Parsons Joseph, Francavilla Chiara
Division of Molecular and Cellular Function, School of Biological Sciences, Faculty of Biology Medicine and Health, The University of Manchester, Manchester, United Kingdom.
Division of Cancer Sciences, School of Medical Sciences, Faculty of Biology Medicine and Health, The University of Manchester, Manchester, United Kingdom.
Front Cell Dev Biol. 2020 Jan 22;7:395. doi: 10.3389/fcell.2019.00395. eCollection 2019.
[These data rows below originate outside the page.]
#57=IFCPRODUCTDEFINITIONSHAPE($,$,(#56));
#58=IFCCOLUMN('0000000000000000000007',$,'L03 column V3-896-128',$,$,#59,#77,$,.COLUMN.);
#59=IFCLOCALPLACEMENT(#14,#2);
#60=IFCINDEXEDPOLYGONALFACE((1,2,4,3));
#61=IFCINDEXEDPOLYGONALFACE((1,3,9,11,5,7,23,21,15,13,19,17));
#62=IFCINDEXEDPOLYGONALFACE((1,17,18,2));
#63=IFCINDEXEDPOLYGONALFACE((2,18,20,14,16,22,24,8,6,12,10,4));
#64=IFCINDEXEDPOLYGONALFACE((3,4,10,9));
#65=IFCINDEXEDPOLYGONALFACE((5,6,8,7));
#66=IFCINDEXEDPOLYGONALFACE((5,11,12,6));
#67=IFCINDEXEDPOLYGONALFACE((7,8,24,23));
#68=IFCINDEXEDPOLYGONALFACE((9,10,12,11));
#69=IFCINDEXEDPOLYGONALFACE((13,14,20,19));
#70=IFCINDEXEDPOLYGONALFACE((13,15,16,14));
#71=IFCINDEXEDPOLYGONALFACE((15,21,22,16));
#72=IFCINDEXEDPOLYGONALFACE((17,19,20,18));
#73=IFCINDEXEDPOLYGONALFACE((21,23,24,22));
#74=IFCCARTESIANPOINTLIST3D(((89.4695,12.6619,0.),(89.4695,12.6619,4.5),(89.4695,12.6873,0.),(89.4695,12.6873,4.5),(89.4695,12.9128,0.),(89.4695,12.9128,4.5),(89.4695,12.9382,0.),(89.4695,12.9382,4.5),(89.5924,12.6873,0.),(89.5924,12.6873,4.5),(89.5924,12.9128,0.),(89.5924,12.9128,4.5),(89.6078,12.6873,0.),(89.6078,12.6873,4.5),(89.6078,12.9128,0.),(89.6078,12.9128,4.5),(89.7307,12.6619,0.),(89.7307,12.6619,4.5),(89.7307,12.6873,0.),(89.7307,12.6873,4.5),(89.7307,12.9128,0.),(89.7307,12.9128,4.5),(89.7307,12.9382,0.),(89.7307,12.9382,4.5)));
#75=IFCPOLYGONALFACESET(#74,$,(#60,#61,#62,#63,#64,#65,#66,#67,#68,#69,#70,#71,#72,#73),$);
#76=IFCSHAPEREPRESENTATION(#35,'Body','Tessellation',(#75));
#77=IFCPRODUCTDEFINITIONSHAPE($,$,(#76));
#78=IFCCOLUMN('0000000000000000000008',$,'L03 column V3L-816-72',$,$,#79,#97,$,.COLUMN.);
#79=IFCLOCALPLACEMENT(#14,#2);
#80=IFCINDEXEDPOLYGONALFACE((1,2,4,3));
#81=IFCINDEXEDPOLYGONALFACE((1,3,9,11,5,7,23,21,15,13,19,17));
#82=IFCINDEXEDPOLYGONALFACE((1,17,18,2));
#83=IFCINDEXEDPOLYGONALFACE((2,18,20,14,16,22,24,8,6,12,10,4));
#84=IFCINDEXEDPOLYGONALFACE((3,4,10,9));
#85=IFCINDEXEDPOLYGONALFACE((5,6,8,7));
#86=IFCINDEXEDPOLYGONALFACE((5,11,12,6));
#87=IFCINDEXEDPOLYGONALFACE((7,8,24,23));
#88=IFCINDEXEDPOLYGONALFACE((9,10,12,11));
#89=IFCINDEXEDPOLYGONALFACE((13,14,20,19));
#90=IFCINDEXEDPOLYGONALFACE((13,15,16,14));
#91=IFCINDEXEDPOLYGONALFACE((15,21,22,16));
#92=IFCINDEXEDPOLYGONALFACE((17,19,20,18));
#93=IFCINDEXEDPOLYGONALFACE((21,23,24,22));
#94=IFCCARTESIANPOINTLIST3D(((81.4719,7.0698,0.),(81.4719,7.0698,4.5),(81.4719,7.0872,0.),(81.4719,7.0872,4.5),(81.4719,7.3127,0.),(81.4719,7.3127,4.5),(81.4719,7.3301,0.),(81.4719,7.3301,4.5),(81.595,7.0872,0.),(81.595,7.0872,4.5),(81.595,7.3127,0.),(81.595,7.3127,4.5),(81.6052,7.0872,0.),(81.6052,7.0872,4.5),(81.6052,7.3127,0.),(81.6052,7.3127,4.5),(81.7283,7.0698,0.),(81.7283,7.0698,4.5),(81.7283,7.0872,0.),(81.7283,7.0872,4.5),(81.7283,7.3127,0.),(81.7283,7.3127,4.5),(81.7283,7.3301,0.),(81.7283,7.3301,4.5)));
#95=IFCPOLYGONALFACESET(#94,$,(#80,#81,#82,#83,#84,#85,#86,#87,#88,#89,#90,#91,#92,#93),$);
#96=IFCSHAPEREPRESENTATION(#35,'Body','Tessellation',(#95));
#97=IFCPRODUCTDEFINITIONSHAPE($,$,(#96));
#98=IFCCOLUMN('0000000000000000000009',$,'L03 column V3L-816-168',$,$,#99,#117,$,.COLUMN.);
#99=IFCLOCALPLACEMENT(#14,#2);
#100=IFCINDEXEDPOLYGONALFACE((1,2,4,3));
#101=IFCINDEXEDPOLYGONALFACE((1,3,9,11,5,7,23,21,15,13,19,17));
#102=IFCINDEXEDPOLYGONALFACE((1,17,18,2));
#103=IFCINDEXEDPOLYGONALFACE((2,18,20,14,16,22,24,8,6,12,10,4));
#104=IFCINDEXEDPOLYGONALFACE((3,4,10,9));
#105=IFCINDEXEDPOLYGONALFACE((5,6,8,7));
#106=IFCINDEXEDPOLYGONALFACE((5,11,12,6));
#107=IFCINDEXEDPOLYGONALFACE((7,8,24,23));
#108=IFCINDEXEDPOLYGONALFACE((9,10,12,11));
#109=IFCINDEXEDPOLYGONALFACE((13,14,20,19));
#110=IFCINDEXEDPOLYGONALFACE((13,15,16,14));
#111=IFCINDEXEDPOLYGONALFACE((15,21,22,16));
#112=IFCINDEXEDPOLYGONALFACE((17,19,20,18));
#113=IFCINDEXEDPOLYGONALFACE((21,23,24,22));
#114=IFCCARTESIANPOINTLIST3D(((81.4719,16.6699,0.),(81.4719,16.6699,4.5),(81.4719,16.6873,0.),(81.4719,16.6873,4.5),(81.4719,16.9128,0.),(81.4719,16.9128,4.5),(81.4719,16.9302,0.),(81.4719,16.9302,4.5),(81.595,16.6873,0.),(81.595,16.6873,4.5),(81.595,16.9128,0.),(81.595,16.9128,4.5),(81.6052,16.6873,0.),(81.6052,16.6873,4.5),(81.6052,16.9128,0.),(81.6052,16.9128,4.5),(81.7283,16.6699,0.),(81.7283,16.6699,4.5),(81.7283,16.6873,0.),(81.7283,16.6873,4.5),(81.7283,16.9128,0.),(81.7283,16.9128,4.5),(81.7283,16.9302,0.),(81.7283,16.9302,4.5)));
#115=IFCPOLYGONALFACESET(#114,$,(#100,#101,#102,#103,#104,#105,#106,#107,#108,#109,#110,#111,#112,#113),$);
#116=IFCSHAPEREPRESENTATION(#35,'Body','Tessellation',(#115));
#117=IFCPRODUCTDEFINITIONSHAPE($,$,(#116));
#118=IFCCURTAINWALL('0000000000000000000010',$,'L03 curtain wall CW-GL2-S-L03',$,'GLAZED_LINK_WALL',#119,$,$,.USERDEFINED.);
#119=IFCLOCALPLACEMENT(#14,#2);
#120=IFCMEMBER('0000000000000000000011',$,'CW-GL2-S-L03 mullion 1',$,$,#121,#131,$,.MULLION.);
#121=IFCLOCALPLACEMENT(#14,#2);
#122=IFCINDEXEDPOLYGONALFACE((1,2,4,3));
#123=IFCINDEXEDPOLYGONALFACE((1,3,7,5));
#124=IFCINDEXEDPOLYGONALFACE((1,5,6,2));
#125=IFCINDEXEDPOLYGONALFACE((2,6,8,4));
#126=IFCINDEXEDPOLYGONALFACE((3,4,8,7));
Breast cancer incidence is increasing worldwide with more than 600,000 deaths reported in 2018 alone. In current practice treatment options for breast cancer patients consists of surgery, chemotherapy, radiotherapy or targeting of classical markers of breast cancer subtype: estrogen receptor (ER) and HER2. However, these treatments fail to prevent recurrence and metastasis. Improved understanding of breast cancer and metastasis biology will help uncover novel biomarkers and therapeutic opportunities to improve patient stratification and treatment. We will first provide an overview of current methods and models used to study breast cancer biology, focusing on 2D and 3D cell culture, including organoids, and on models such as the MMTV mouse model and patient-derived xenografts (PDX). Next, genomic, transcriptomic, and proteomic approaches and their integration will be considered in the context of breast cancer susceptibility, breast cancer drivers, and therapeutic response and resistance to treatment. Finally, we will discuss how 'Omics datasets in combination with traditional breast cancer models are useful for generating insights into breast cancer biology, for suggesting individual treatments in precision oncology, and for creating data repositories to undergo further meta-analysis. System biology has the potential to catalyze the next great leap forward in treatment options for breast cancer patients.
全球乳腺癌发病率正在上升,仅2018年就报告了超过60万例死亡病例。在当前的临床实践中,乳腺癌患者的治疗选择包括手术、化疗、放疗或针对乳腺癌亚型的经典标志物:雌激素受体(ER)和HER2。然而,这些治疗方法无法预防复发和转移。对乳腺癌和转移生物学的深入了解将有助于发现新的生物标志物和治疗机会,以改善患者分层和治疗。我们将首先概述目前用于研究乳腺癌生物学的方法和模型,重点介绍二维和三维细胞培养,包括类器官,以及MMTV小鼠模型和患者来源的异种移植(PDX)等模型。接下来,将在乳腺癌易感性、乳腺癌驱动因素以及治疗反应和耐药性的背景下考虑基因组学、转录组学和蛋白质组学方法及其整合。最后,我们将讨论“组学”数据集与传统乳腺癌模型相结合如何有助于深入了解乳腺癌生物学、在精准肿瘤学中建议个体化治疗以及创建数据存储库以进行进一步的荟萃分析。系统生物学有可能推动乳腺癌患者治疗选择的下一次重大飞跃。